The matte black decals on glossy wheels is stealthy but just enough to make you notice them. I hear you on the light situation, I've been trying to figure out how I can mount mine, haven't come up with a solution yet. I'm thinking Garmin needs to install a light on the front on the 500/800. :idea:


----------



## Cni2i

redondoaveb said:


> The matte black decals on glossy wheels is stealthy but just enough to make you notice them. I hear you on the light situation, I've been trying to figure out how I can mount mine, haven't come up with a solution yet. I'm thinking Garmin needs to install a light on the front on the 500/800. :idea:


Hmmm...go on the "Shark Tank" show and shoot your idea to them. I'd buy an all-in-one stem with mount and light


----------



## redondoaveb

Cni2i said:


> Hmmm...go on the "Shark Tank" show and shoot your idea to them. I'd buy an all-in-one stem with mount and light


Kind of surprised someone hasn't done that yet, at least I haven't seen one. Probably one out there somewhere.

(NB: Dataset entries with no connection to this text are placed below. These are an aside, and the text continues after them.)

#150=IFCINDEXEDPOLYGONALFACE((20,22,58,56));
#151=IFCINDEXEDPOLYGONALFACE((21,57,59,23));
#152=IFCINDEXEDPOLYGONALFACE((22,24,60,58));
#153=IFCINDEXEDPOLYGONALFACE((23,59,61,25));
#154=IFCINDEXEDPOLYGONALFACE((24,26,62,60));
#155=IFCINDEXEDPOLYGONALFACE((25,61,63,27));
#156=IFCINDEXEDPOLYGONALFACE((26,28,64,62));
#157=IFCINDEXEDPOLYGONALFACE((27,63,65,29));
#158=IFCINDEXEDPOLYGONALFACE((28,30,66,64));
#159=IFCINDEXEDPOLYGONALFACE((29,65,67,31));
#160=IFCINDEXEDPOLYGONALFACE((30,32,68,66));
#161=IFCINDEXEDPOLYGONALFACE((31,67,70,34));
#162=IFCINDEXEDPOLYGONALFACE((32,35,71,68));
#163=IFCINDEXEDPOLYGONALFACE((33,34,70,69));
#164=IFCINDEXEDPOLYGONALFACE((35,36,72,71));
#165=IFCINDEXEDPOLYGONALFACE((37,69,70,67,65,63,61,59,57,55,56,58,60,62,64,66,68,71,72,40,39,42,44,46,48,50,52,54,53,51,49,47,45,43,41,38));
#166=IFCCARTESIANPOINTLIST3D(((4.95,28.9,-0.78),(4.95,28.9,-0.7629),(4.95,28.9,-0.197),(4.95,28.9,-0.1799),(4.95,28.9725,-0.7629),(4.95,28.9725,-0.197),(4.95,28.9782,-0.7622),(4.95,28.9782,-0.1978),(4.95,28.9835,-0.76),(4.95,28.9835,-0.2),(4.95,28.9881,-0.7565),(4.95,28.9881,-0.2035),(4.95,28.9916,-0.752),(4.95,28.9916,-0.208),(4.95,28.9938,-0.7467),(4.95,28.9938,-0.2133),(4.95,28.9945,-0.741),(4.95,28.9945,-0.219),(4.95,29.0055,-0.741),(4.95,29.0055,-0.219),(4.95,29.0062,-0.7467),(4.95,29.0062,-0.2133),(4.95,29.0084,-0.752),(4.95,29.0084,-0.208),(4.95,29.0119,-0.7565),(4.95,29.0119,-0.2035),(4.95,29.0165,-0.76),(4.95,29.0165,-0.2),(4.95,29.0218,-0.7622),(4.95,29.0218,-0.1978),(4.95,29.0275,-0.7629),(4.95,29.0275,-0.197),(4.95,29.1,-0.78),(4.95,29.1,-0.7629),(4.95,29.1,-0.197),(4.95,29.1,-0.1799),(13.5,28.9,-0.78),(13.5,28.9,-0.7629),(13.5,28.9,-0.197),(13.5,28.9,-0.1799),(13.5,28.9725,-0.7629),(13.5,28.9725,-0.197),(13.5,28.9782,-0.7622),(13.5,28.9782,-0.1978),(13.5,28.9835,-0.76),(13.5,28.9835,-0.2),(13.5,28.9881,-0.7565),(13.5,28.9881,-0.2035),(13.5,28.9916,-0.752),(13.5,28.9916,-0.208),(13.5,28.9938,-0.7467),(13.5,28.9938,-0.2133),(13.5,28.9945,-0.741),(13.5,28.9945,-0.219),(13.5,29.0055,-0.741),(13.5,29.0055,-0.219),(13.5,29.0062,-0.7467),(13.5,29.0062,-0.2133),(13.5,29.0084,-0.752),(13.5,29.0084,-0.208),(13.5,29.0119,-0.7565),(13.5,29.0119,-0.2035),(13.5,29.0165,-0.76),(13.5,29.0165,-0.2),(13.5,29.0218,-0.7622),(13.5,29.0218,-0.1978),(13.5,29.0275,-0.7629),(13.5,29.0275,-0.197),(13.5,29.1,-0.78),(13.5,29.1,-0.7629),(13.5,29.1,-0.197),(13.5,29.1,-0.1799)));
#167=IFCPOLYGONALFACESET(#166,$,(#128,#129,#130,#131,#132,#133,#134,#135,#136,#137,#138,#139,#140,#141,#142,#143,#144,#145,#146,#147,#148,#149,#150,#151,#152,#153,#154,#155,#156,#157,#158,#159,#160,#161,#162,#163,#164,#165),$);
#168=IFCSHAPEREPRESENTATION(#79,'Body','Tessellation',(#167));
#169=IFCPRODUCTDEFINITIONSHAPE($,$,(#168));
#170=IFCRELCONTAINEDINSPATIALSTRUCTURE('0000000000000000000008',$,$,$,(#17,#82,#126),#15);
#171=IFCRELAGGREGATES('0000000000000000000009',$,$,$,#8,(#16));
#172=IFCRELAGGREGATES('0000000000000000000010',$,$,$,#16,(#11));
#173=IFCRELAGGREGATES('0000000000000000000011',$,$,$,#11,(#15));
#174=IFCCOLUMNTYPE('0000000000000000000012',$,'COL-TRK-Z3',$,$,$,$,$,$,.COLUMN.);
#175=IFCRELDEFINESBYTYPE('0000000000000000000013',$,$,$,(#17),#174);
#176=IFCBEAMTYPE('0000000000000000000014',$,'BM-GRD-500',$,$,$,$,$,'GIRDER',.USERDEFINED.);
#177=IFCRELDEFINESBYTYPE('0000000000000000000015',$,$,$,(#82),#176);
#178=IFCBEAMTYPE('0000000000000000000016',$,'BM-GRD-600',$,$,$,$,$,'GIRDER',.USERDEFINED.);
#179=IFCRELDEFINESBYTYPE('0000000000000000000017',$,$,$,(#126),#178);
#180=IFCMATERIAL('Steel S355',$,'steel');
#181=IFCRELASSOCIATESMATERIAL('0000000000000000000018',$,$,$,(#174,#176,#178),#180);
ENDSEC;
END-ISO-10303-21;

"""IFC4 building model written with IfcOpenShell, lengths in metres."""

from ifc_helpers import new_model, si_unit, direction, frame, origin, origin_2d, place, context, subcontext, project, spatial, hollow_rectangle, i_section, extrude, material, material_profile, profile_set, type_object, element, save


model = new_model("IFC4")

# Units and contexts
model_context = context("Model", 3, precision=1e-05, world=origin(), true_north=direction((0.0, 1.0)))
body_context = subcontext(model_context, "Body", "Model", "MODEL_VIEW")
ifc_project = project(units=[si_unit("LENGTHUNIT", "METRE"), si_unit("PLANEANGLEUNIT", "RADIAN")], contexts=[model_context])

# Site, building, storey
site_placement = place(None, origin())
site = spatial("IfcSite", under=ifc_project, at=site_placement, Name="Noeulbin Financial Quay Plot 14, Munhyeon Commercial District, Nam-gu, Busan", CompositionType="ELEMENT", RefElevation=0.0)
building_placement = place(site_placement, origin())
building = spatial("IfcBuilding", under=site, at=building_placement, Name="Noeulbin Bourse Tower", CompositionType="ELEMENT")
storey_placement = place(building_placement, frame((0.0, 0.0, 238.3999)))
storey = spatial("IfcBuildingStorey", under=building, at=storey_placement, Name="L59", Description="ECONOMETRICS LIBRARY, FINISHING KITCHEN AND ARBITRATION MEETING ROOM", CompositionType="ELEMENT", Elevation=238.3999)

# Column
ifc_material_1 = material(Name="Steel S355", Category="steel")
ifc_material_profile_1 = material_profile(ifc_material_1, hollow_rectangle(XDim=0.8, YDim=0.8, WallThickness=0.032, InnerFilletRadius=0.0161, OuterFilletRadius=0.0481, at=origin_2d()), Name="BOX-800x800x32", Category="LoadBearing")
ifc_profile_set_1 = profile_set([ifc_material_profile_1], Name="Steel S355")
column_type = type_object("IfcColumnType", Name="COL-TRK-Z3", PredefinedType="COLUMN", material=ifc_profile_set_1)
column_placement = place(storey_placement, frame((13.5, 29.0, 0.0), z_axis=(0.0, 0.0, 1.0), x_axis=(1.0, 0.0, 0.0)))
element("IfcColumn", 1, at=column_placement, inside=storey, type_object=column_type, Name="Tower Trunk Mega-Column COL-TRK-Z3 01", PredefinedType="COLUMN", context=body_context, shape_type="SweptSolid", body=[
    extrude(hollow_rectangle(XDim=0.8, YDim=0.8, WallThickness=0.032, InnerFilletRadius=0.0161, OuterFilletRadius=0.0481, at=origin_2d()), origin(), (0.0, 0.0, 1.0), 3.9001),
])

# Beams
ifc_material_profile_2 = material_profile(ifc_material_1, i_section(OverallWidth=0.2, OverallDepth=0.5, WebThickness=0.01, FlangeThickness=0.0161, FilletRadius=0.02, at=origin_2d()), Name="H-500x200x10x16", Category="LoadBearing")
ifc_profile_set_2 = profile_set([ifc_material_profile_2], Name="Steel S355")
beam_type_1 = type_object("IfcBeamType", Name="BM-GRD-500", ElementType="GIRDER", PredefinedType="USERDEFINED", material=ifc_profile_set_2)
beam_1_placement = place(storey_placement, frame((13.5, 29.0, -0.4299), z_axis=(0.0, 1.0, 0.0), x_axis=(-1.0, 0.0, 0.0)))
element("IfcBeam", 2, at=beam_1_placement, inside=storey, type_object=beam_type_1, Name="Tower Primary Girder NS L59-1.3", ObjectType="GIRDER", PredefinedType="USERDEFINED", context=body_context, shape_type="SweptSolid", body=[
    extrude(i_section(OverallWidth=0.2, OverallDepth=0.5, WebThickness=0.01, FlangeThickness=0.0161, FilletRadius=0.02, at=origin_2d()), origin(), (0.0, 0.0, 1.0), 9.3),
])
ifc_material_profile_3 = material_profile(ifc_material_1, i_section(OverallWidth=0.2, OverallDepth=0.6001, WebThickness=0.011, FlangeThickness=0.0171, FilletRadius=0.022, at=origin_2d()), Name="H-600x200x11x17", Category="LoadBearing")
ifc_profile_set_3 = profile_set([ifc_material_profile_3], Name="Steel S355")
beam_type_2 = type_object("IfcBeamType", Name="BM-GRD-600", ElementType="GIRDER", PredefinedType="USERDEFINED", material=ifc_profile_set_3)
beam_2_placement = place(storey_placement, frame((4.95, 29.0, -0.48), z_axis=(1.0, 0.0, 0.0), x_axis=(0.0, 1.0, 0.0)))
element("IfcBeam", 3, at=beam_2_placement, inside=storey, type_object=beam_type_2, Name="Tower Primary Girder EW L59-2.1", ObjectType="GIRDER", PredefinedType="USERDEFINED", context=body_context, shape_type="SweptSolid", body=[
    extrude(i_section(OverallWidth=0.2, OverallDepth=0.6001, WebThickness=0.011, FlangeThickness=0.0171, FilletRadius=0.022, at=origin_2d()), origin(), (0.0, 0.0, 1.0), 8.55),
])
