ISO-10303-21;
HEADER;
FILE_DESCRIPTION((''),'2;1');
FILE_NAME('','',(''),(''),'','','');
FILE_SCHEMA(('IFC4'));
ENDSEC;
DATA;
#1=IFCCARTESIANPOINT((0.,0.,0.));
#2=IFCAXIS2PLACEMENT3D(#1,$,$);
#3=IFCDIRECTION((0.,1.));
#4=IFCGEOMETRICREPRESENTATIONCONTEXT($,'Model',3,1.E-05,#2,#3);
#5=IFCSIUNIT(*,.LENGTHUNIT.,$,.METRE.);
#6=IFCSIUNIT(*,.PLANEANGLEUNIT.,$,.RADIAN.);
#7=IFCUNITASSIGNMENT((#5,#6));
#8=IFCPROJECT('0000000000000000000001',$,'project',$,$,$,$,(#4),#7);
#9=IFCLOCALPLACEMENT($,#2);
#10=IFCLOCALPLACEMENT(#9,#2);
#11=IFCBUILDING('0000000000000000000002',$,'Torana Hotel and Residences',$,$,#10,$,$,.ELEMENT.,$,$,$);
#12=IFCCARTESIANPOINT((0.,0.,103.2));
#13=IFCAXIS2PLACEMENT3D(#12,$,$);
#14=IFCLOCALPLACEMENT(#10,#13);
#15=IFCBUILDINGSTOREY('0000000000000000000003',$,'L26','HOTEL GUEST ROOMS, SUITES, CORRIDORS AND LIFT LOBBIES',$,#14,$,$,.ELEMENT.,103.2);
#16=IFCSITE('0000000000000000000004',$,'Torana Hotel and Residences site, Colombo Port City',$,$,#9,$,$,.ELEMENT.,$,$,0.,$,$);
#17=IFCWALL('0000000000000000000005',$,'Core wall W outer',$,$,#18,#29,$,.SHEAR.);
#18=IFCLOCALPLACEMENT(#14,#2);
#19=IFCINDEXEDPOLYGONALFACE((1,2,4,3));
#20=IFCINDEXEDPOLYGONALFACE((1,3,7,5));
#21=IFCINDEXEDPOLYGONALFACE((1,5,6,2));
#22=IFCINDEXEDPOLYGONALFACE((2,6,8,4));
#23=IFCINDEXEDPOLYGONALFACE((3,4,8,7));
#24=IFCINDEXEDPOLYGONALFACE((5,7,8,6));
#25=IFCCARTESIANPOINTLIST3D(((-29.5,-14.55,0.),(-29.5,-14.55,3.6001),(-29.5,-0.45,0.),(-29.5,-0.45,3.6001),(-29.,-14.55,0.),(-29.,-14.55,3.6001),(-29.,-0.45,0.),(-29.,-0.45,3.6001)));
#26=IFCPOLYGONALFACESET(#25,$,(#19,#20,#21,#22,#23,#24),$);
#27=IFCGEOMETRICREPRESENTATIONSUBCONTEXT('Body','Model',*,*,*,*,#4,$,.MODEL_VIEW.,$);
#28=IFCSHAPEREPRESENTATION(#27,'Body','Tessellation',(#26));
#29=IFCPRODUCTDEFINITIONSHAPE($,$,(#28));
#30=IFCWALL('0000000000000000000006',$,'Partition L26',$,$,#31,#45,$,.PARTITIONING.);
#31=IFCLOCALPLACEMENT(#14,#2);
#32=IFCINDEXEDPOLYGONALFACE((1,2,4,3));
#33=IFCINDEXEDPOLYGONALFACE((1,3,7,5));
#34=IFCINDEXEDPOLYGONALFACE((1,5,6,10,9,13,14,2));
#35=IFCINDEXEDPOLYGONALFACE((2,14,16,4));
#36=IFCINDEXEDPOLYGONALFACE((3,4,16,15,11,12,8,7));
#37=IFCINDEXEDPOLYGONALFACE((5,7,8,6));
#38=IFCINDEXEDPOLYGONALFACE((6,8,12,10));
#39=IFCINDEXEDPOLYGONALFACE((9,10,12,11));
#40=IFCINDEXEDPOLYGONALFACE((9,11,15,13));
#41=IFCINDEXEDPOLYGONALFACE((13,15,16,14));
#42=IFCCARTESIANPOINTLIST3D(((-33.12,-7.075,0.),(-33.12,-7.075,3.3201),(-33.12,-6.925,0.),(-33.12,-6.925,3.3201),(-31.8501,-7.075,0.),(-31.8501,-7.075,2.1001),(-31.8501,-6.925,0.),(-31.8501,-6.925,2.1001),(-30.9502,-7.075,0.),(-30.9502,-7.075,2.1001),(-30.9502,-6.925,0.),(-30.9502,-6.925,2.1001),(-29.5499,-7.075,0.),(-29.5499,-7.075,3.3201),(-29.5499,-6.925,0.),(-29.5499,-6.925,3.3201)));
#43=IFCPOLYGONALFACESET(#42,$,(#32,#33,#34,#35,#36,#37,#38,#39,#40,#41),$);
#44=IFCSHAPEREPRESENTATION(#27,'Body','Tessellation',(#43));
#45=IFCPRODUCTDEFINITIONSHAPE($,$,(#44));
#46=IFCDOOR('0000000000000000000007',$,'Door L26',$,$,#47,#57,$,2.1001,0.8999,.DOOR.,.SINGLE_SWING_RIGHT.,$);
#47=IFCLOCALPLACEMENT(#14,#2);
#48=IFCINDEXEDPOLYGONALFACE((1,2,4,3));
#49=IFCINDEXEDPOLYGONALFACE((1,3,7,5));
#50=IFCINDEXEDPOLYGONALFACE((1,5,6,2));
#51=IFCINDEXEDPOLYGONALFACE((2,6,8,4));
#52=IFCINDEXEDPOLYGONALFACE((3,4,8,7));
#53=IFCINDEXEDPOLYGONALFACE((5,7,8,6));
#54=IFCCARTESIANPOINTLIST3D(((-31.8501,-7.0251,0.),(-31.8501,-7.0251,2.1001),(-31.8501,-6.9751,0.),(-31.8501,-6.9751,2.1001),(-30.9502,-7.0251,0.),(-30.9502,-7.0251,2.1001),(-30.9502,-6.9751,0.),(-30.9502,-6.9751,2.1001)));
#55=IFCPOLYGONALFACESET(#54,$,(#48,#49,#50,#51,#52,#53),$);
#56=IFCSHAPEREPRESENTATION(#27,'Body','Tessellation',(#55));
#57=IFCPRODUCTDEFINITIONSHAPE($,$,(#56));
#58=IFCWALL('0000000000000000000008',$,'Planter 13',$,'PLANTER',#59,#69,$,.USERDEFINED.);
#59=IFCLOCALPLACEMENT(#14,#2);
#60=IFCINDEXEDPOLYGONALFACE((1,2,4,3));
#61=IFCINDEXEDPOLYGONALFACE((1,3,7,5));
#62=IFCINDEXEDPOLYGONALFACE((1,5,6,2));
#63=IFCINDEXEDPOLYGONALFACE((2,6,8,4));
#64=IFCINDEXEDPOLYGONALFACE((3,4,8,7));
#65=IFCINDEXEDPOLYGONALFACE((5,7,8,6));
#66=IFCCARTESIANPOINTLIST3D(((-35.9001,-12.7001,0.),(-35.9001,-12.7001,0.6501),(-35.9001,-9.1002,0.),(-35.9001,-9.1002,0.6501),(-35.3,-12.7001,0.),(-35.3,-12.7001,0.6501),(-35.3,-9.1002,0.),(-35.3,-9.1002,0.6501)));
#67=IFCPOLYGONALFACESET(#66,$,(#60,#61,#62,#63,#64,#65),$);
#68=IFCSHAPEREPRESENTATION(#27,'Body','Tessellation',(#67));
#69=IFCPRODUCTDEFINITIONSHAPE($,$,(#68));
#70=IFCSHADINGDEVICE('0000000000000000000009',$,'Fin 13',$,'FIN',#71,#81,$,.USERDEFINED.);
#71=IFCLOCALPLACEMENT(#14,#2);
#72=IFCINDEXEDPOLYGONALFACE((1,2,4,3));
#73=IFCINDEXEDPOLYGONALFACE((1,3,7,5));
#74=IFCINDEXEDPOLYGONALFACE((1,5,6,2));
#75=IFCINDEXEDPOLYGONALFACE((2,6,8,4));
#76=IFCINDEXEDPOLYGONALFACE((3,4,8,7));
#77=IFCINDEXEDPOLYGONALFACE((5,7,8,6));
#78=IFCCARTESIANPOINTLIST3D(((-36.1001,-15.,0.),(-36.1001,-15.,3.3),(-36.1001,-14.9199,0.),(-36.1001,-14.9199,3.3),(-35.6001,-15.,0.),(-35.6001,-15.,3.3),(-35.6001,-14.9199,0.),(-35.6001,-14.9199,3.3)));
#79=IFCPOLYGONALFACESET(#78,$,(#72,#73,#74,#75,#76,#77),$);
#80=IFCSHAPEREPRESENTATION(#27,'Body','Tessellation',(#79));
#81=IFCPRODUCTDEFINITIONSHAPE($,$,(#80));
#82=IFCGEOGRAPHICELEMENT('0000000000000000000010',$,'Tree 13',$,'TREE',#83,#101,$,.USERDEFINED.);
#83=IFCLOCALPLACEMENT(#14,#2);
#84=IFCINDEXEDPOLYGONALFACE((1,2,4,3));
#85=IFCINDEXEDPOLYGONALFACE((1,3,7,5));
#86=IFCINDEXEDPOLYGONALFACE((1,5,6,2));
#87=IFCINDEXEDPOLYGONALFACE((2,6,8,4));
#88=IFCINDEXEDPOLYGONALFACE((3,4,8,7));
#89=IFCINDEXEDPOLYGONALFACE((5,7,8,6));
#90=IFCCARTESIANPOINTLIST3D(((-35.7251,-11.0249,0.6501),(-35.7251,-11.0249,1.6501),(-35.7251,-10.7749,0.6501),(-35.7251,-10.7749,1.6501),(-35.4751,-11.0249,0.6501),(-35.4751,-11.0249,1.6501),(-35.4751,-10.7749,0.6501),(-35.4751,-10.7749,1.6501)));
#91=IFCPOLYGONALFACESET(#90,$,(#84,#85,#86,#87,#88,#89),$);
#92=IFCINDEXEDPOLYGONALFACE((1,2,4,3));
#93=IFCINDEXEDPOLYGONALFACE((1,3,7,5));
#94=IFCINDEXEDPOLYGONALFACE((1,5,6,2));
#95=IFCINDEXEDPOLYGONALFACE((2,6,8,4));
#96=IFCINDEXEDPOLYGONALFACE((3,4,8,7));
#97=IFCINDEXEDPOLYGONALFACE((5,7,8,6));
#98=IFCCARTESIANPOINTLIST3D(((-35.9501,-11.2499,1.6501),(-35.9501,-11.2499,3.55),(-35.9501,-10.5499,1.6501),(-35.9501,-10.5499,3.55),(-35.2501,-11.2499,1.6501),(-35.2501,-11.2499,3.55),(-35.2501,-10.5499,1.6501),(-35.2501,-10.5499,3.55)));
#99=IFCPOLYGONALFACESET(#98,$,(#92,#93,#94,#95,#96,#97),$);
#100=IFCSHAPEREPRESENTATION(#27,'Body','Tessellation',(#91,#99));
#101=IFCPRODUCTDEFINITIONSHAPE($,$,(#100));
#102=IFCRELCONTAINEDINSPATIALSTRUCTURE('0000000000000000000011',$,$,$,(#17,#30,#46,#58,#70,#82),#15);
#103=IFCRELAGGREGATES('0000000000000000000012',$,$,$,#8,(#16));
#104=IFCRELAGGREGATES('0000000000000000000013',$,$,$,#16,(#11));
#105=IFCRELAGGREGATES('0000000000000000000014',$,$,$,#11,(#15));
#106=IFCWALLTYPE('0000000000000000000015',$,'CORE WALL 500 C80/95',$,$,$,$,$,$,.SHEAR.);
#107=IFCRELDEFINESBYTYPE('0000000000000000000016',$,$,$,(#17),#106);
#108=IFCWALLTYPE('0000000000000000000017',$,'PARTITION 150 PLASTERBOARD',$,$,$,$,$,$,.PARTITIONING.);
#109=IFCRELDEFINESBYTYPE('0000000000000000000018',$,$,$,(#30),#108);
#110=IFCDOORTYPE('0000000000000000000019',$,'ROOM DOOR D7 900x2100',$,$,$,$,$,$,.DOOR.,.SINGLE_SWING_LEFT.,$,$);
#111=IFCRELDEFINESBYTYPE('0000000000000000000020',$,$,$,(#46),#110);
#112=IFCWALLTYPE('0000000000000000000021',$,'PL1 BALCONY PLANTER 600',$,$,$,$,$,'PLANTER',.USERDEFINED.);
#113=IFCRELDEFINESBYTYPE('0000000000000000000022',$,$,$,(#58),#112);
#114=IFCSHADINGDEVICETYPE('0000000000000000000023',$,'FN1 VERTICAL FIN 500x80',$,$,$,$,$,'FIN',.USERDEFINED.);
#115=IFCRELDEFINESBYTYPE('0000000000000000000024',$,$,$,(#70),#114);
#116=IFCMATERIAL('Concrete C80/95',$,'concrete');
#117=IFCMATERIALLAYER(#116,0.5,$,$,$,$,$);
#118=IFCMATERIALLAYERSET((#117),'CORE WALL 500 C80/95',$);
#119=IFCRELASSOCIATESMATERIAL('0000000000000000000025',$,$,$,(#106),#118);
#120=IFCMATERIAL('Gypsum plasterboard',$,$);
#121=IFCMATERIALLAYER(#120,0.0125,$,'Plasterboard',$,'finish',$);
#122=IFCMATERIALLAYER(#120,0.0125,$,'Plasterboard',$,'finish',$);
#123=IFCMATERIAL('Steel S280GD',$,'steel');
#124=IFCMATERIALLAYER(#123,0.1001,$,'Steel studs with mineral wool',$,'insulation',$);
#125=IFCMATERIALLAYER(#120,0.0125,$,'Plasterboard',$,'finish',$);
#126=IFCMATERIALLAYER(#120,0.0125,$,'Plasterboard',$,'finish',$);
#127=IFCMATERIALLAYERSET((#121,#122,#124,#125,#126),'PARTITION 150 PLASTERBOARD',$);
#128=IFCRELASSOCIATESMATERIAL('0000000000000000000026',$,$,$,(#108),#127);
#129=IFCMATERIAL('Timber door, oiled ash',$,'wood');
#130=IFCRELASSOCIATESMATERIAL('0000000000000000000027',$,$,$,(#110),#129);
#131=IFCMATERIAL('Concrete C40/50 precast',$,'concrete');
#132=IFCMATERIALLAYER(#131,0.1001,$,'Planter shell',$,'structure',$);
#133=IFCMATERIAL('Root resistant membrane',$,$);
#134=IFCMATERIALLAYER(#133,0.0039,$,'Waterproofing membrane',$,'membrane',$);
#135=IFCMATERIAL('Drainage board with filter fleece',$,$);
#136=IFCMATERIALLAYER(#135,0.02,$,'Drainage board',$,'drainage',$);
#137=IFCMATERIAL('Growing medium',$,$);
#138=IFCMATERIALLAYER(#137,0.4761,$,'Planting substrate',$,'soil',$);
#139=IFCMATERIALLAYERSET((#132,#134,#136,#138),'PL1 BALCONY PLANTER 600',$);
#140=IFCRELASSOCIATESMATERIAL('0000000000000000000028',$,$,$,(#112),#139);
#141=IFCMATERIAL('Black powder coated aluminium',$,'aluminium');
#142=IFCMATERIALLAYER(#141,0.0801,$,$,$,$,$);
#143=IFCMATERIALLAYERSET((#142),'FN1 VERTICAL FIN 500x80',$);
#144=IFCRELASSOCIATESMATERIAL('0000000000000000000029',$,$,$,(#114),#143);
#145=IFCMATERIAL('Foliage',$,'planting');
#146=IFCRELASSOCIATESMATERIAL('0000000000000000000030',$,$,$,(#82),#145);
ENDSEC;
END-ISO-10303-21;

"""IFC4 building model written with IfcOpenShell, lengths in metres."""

from ifc_helpers import new_model, si_unit, direction, frame, frame_2d, origin, origin_2d, place, context, subcontext, project, spatial, rectangle, extrude, material, layer, layer_set, type_object, element, fill, save


model = new_model("IFC4")

# Units and contexts
model_context = context("Model", 3, precision=1e-05, world=origin(), true_north=direction((0.0, 1.0)))
body_context = subcontext(model_context, "Body", "Model", "MODEL_VIEW")
ifc_project = project(units=[si_unit("LENGTHUNIT", "METRE"), si_unit("PLANEANGLEUNIT", "RADIAN")], contexts=[model_context])

# Site, building, storey
site_placement = place(None, origin())
site = spatial("IfcSite", under=ifc_project, at=site_placement, Name="Torana Hotel and Residences site, Colombo Port City", CompositionType="ELEMENT", RefElevation=0.0)
building_placement = place(site_placement, origin())
building = spatial("IfcBuilding", under=site, at=building_placement, Name="Torana Hotel and Residences", CompositionType="ELEMENT")
storey_placement = place(building_placement, frame((0.0, 0.0, 103.2)))
storey = spatial("IfcBuildingStorey", under=building, at=storey_placement, Name="L26", Description="HOTEL GUEST ROOMS, SUITES, CORRIDORS AND LIFT LOBBIES", CompositionType="ELEMENT", Elevation=103.2)

# Wall
ifc_material_1 = material(Name="Concrete C80/95", Category="concrete")
ifc_layer_1 = layer(ifc_material_1, 0.5)
ifc_layer_set_1 = layer_set([ifc_layer_1], Name="CORE WALL 500 C80/95")
wall_type_1 = type_object("IfcWallType", Name="CORE WALL 500 C80/95", PredefinedType="SHEAR", material=ifc_layer_set_1)
wall_1_placement = place(storey_placement, frame((-29.25, -14.55, 0.0), z_axis=(0.0, 0.0, 1.0), x_axis=(0.0, 1.0, 0.0)))
element("IfcWall", 1, at=wall_1_placement, inside=storey, type_object=wall_type_1, Name="Core wall W outer", PredefinedType="SHEAR", context=body_context, shape_type="SweptSolid", body=[
    extrude(rectangle(XDim=14.1001, YDim=0.5, at=frame_2d((7.05, 0.0))), origin(), (0.0, 0.0, 1.0), 3.6001),
])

I spoke too soon, here's one.
StemLite combines a handlebar stem and bike light in one device


----------



## Cni2i

redondoaveb said:


> Kind of surprised someone hasn't done that yet, at least I haven't seen one. Probably one out there somewhere.
> 
> I spoke too soon, here's one.
> StemLite combines a handlebar stem and bike light in one device


Lol. Interesting. Nice find though.


----------



## redondoaveb

Well, I re-wrapped my bars today and extended the tape onto the flat section. I want to see if it adds anymore comfort. I figure if I don't like it, it will only take a couple of minutes to unwrap back to where they were.


----------



## Cni2i

redondoaveb said:


> Well, I re-wrapped my bars today and extended the tape onto the flat section. I want to see if it adds anymore comfort. I figure if I don't like it, it will only take a couple of minutes to unwrap back to where they were.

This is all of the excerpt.